NEW FOCUS. During a year of rapid-fire moves, Boonstra has kept silent about Philips' future direction. But observers say he's likely to give Philips' traditional base--consumer electronics--one last chance to meet growth and profit targets. As the world's third-largest player, with $36 billion in sales, Philips still has a chance against its far more efficient Japanese rivals. If consumer electronics don't measure up, Boonstra may take the drastic step of selling the flagship business to focus on semiconductors, a profitable unit that contributes $6 billion to Philips' annual sales.
But Boonstra is likely to give consumer electronics, which account for 35% of revenues, at least a two-year lease on life. He recently hired Gerard Dufour, 48, from ad agency Euro RSCG Worldwide to burnish Philips' brand name globally. As Boonstra concentrates on core businesses, many analysts think he may sell Philips' medical and software division, as well as its 75% stake in Polygram and its slow-growing lighting company. "He's focusing on becoming a consumer company--and spending a lot of money on branding," says Neil Barton, an analyst at Merrill Lynch Global Markets in London.
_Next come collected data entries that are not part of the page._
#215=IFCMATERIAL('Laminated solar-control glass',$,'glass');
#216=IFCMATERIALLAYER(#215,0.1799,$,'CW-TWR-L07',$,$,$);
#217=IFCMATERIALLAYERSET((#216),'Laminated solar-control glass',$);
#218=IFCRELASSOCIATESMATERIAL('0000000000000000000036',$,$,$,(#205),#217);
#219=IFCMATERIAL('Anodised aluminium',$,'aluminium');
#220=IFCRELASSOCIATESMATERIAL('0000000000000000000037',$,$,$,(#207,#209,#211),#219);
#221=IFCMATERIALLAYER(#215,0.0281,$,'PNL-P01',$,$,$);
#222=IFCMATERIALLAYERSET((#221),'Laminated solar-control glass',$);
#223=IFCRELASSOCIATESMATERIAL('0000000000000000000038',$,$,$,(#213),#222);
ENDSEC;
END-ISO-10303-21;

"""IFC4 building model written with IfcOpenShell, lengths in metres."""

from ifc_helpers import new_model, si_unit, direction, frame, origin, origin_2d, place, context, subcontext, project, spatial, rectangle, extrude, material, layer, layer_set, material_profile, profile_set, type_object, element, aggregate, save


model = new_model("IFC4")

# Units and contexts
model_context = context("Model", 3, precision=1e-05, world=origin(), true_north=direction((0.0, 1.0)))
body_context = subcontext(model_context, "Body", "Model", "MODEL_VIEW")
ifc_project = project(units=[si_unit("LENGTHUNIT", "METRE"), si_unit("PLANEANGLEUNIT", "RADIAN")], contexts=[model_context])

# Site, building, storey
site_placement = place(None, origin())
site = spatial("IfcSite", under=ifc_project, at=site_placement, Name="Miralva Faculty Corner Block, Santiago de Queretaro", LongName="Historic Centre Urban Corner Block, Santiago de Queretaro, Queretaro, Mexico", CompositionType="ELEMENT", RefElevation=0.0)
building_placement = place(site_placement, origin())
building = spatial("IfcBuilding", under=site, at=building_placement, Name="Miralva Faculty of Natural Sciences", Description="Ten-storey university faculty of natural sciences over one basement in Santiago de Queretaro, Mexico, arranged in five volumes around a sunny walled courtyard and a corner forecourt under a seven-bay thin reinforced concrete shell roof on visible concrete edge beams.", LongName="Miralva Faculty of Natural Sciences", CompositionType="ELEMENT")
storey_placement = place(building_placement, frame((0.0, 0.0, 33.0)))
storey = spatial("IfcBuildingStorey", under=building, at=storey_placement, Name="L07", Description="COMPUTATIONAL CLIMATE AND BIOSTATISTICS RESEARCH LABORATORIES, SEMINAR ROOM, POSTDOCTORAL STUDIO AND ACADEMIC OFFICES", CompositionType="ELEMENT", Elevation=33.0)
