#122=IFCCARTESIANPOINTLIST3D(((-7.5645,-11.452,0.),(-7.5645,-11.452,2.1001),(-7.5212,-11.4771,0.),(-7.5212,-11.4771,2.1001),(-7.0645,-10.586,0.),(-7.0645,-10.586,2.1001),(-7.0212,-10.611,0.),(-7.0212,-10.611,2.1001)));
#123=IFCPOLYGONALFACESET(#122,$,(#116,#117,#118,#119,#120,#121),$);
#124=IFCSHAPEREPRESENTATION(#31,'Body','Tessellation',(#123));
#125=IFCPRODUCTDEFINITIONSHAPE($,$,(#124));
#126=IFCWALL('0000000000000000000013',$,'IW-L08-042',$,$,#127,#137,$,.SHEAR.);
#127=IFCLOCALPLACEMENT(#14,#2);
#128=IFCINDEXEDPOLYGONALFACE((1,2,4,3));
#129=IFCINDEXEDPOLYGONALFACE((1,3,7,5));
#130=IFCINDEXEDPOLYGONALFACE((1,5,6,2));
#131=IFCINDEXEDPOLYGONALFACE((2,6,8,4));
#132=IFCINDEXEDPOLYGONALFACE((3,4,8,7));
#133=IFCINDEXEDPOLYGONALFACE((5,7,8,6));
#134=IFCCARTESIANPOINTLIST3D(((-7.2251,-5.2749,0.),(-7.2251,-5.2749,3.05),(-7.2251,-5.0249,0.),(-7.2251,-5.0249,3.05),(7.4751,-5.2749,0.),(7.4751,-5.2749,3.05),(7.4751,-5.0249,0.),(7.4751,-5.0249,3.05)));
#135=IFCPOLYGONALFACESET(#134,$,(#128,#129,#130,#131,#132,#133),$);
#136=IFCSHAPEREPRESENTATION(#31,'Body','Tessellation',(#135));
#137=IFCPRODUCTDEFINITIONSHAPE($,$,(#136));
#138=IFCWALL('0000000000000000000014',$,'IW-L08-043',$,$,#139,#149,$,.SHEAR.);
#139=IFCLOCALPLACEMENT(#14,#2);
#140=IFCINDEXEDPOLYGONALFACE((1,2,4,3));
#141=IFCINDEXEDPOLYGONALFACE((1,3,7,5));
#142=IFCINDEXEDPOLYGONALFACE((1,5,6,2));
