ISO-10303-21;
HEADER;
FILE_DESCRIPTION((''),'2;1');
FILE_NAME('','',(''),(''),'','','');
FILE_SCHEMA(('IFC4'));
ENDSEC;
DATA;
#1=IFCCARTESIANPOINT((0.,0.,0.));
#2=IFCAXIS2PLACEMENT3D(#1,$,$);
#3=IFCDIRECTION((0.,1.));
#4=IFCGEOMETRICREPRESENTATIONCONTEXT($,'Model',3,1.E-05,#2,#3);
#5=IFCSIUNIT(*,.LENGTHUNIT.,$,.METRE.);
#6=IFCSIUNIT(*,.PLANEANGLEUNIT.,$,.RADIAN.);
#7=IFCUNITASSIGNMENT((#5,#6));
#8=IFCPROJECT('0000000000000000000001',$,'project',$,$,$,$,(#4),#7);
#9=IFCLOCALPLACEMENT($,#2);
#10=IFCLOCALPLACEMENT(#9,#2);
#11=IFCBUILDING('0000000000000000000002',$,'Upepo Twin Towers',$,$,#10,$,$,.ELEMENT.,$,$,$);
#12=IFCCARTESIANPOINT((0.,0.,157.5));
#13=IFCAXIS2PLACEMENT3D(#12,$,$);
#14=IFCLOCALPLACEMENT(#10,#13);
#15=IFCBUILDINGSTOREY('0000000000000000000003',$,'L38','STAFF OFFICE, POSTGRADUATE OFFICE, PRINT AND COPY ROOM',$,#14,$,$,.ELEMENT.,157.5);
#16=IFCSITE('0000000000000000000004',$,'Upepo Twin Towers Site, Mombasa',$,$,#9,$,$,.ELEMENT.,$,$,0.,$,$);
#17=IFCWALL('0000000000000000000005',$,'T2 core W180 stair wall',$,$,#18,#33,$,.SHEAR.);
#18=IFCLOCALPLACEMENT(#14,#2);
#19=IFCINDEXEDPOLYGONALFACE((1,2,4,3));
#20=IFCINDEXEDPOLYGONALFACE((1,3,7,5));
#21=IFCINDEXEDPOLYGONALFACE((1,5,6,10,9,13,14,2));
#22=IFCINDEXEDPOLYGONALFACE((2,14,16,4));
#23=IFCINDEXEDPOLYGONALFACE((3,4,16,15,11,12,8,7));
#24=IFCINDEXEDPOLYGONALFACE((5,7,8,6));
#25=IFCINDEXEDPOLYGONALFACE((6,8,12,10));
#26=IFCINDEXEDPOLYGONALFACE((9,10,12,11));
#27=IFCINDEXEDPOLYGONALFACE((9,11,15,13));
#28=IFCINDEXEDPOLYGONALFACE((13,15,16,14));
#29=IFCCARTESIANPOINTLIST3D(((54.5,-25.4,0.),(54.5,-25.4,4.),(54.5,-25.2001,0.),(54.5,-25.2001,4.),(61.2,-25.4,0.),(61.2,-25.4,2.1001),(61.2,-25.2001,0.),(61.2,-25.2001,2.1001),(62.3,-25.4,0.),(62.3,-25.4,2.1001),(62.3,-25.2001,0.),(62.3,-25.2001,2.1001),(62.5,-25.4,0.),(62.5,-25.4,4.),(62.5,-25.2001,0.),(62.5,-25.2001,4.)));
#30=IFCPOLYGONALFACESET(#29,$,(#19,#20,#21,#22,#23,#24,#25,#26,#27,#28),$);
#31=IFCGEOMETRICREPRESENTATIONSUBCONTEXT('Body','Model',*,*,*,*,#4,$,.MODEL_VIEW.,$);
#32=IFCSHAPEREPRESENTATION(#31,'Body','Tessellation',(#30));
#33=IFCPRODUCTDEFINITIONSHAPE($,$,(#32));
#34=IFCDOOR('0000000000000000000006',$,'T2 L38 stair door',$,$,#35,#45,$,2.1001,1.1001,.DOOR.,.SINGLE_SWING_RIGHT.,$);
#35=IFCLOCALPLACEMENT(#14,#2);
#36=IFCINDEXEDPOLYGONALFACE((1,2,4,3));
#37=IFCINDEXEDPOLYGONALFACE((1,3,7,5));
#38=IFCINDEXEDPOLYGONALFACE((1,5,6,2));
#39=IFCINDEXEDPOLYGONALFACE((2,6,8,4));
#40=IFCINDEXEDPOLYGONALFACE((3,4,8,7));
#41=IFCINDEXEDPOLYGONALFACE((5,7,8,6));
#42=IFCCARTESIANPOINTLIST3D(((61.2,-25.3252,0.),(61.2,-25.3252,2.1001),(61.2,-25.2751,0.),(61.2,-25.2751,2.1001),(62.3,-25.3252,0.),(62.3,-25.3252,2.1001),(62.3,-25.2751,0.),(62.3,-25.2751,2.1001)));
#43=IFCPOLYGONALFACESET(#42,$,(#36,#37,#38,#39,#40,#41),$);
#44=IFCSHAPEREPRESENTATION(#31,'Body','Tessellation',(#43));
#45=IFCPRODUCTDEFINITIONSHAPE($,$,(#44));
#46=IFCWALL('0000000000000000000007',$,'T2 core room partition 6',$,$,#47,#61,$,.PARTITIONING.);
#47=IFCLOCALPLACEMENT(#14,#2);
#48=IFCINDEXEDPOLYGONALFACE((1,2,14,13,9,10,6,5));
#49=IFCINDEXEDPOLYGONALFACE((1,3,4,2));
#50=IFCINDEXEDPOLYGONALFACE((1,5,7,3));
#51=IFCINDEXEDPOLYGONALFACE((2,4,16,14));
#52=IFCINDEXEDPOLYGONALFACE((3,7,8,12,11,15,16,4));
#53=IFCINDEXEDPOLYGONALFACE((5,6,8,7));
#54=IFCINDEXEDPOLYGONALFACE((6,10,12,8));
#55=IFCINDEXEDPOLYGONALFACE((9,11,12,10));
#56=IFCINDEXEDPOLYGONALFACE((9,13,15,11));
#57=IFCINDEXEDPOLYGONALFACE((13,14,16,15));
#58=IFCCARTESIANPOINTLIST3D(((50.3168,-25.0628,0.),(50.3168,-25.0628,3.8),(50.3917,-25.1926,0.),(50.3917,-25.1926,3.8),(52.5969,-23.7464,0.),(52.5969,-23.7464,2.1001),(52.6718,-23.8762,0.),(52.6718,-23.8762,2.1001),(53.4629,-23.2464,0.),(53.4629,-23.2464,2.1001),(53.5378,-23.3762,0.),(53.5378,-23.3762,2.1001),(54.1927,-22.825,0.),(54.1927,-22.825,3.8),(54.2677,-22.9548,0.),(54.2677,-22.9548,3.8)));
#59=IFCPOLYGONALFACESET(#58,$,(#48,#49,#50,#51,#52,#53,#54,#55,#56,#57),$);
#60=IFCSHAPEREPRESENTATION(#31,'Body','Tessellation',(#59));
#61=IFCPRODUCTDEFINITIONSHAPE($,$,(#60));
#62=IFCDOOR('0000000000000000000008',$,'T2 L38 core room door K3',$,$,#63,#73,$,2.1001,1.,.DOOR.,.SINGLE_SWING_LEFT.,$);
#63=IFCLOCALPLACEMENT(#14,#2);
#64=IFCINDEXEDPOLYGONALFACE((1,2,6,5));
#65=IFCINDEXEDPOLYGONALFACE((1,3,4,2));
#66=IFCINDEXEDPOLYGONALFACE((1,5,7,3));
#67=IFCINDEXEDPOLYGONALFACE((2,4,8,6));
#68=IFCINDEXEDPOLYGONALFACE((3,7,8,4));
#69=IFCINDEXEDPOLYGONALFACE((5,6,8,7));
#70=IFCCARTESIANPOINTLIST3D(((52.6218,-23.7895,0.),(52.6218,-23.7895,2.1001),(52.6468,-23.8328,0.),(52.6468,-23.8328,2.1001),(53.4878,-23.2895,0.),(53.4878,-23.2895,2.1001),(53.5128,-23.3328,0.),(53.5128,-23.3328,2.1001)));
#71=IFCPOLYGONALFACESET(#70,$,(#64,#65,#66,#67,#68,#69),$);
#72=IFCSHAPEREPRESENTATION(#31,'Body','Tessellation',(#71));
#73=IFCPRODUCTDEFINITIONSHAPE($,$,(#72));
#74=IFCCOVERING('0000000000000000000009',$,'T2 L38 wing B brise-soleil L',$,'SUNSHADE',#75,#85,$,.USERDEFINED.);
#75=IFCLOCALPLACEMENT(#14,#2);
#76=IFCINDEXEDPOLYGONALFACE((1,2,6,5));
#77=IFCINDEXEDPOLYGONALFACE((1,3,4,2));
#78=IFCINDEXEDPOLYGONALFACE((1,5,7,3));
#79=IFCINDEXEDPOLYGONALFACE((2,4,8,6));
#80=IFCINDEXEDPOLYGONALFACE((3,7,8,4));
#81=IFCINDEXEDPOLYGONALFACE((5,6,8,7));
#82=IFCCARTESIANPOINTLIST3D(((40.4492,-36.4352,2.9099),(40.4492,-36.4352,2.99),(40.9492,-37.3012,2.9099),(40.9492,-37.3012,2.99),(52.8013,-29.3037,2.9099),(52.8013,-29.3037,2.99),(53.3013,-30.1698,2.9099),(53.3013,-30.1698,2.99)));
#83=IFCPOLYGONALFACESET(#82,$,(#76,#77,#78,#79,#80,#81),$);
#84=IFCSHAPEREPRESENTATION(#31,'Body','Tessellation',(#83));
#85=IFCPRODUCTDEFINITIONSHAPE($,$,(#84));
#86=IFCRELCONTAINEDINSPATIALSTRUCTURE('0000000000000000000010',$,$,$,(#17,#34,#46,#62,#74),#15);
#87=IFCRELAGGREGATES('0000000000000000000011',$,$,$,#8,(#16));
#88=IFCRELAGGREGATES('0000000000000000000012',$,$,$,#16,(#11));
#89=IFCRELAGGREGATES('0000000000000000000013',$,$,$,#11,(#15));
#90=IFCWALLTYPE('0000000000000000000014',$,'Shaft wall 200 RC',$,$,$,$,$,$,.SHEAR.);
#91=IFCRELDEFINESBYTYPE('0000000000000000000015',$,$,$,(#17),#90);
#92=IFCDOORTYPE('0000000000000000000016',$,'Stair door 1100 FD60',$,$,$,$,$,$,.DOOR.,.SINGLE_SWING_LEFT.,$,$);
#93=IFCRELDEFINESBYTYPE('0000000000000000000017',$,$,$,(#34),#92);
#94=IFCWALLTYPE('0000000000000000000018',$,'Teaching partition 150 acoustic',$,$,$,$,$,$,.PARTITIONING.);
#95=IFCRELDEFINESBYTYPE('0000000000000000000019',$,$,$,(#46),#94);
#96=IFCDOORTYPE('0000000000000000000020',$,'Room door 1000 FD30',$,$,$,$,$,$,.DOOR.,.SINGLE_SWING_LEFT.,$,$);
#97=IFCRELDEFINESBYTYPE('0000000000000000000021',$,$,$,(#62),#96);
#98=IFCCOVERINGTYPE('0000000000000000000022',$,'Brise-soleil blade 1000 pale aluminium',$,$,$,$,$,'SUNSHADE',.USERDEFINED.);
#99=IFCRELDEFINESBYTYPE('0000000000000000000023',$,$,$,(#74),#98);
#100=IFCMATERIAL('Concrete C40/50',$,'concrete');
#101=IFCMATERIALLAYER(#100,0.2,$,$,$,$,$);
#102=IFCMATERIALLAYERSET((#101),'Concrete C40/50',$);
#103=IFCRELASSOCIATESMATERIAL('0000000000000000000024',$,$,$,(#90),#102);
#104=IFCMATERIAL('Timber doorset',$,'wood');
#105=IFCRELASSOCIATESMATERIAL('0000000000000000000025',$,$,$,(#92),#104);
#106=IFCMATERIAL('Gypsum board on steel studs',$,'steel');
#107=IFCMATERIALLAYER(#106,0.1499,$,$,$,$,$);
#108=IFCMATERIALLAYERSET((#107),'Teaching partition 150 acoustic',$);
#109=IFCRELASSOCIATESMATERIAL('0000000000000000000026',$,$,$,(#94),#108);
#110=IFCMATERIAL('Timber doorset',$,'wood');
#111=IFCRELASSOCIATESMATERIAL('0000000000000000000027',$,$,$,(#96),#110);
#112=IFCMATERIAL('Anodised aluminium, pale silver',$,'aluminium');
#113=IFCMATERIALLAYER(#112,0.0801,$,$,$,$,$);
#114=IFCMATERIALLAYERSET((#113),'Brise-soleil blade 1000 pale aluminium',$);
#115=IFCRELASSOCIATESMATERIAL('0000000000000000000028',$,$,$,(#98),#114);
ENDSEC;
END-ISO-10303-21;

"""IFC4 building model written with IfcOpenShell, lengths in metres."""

from ifc_helpers import new_model, si_unit, direction, frame, frame_2d, origin, origin_2d, place, context, subcontext, project, spatial, rectangle, extrude, material, layer, layer_set, type_object, element, fill, save


model = new_model("IFC4")

# Units and contexts
model_context = context("Model", 3, precision=1e-05, world=origin(), true_north=direction((0.0, 1.0)))
body_context = subcontext(model_context, "Body", "Model", "MODEL_VIEW")
ifc_project = project(units=[si_unit("LENGTHUNIT", "METRE"), si_unit("PLANEANGLEUNIT", "RADIAN")], contexts=[model_context])

# Site, building, storey
site_placement = place(None, origin())
site = spatial("IfcSite", under=ifc_project, at=site_placement, Name="Upepo Twin Towers Site, Mombasa", CompositionType="ELEMENT", RefElevation=0.0)
building_placement = place(site_placement, origin())
building = spatial("IfcBuilding", under=site, at=building_placement, Name="Upepo Twin Towers", CompositionType="ELEMENT")
storey_placement = place(building_placement, frame((0.0, 0.0, 157.5)))
storey = spatial("IfcBuildingStorey", under=building, at=storey_placement, Name="L38", Description="STAFF OFFICE, POSTGRADUATE OFFICE, PRINT AND COPY ROOM", CompositionType="ELEMENT", Elevation=157.5)

# Walls, openings, doors
ifc_material_1 = material(Name="Concrete C40/50", Category="concrete")
ifc_layer_1 = layer(ifc_material_1, 0.2)
ifc_layer_set_1 = layer_set([ifc_layer_1], Name="Concrete C40/50")
wall_type_1 = type_object("IfcWallType", Name="Shaft wall 200 RC", PredefinedType="SHEAR", material=ifc_layer_set_1)
wall_1_placement = place(storey_placement, frame((54.5, -25.3, 0.0), z_axis=(0.0, 0.0, 1.0), x_axis=(1.0, 0.0, 0.0)))
wall_1 = element("IfcWall", 1, at=wall_1_placement, inside=storey, type_object=wall_type_1, Name="T2 core W180 stair wall", PredefinedType="SHEAR", context=body_context, shape_type="SweptSolid", body=[
    extrude(rectangle(XDim=8.0, YDim=0.2, at=frame_2d((4.0, 0.0))), origin(), (0.0, 0.0, 1.0), 4.0),
])
opening_1_placement = place(wall_1_placement, frame((6.7, 0.0, 0.0)))
opening_1 = element("IfcOpeningElement", 2, at=opening_1_placement, cuts=wall_1, PredefinedType="OPENING", context=body_context, shape_type="SweptSolid", body=[
    extrude(rectangle(XDim=1.1001, YDim=2.1001, at=frame_2d((0.55, 1.05))), frame((0.0, 0.1099, 0.0), z_axis=(0.0, -1.0, 0.0), x_axis=(1.0, 0.0, 0.0)), (0.0, 0.0, 1.0), 0.22),
])
ifc_material_2 = material(Name="Timber doorset", Category="wood")
door_type_1 = type_object("IfcDoorType", Name="Stair door 1100 FD60", OperationType="SINGLE_SWING_LEFT", PredefinedType="DOOR", material=ifc_material_2)
door_1_placement = place(opening_1_placement, origin())
door_1 = element("IfcDoor", 3, at=door_1_placement, inside=storey, type_object=door_type_1, Name="T2 L38 stair door", OperationType="SINGLE_SWING_RIGHT", OverallHeight=2.1001, OverallWidth=1.1001, PredefinedType="DOOR", context=body_context, shape_type="SweptSolid", body=[
    extrude(rectangle(XDim=1.1001, YDim=2.1001, at=frame_2d((0.55, 1.05))), frame((0.0, 0.0249, 0.0), z_axis=(0.0, -1.0, 0.0), x_axis=(1.0, 0.0, 0.0)), (0.0, 0.0, 1.0), 0.05),
])
fill(opening_1, door_1)
ifc_material_3 = material(Name="Gypsum board on steel studs", Category="steel")
ifc_layer_2 = layer(ifc_material_3, 0.1499)
ifc_layer_set_2 = layer_set([ifc_layer_2], Name="Teaching partition 150 acoustic")
wall_type_2 = type_object("IfcWallType", Name="Teaching partition 150 acoustic", PredefinedType="PARTITIONING", material=ifc_layer_set_2)
wall_2_placement = place(storey_placement, frame((54.2302, -22.8899, 0.0), z_axis=(0.0, 0.0, 1.0), x_axis=(-0.866026, -0.499999, 0.0)))
wall_2 = element("IfcWall", 4, at=wall_2_placement, inside=storey, type_object=wall_type_2, Name="T2 core room partition 6", PredefinedType="PARTITIONING", context=body_context, shape_type="SweptSolid", body=[
    extrude(rectangle(XDim=4.4756, YDim=0.1499, at=frame_2d((2.2378, 0.0))), origin(), (0.0, 0.0, 1.0), 3.8),
])
opening_2_placement = place(wall_2_placement, frame((0.8428, 0.0, 0.0)))
opening_2 = element("IfcOpeningElement", 5, at=opening_2_placement, cuts=wall_2, PredefinedType="OPENING", context=body_context, shape_type="SweptSolid", body=[
    extrude(rectangle(XDim=1.0, YDim=2.1001, at=frame_2d((0.5, 1.05))), frame((0.0, 0.085, 0.0), z_axis=(0.0, -1.0, 0.0), x_axis=(1.0, 0.0, 0.0)), (0.0, 0.0, 1.0), 0.1699),
])
ifc_material_4 = material(Name="Timber doorset", Category="wood")
door_type_2 = type_object("IfcDoorType", Name="Room door 1000 FD30", OperationType="SINGLE_SWING_LEFT", PredefinedType="DOOR", material=ifc_material_4)
door_2_placement = place(opening_2_placement, origin())
door_2 = element("IfcDoor", 6, at=door_2_placement, inside=storey, type_object=door_type_2, Name="T2 L38 core room door K3", OperationType="SINGLE_SWING_LEFT", OverallHeight=2.1001, OverallWidth=1.0, PredefinedType="DOOR", context=body_context, shape_type="SweptSolid", body=[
Ever since a crushing $2.2 billion loss in 1990 nearly bankrupted the company, Philips has been struggling to reinvent itself. By the time Boonstra arrived, six years of ruthless restructuring under predecessor Jan D. Timmer and 60,000 layoffs still hadn't produced a cure. Philips plunged into losses in 1992 and in 1996.
Boonstra's first-year performance has been impressive. He has cut 6,000 jobs in consumer electronics, moved more production from Western Europe to Asia and Eastern Europe, and implemented a global purchasing strategy. He sold off underperforming businesses ranging from cable operations and car- navigation systems to television maker Grundig. And he has scored results. Sales for the first nine months of 1997 rose 9%, to $27 billion, and net income from operations was up 133% over the year before, to $966 million.
Now, Boonstra has set a target for return on invested capital of 24% by the end of 1998, up from roughly 17% today. For now, profits are driven by the company's semiconductor business, where operating margins of 12% helped the chip unit contribute more than half of Philips' total earnings in the third quarter. Philips ranks third worldwide in chip sets for consumer electronics such as TVs and VCRs.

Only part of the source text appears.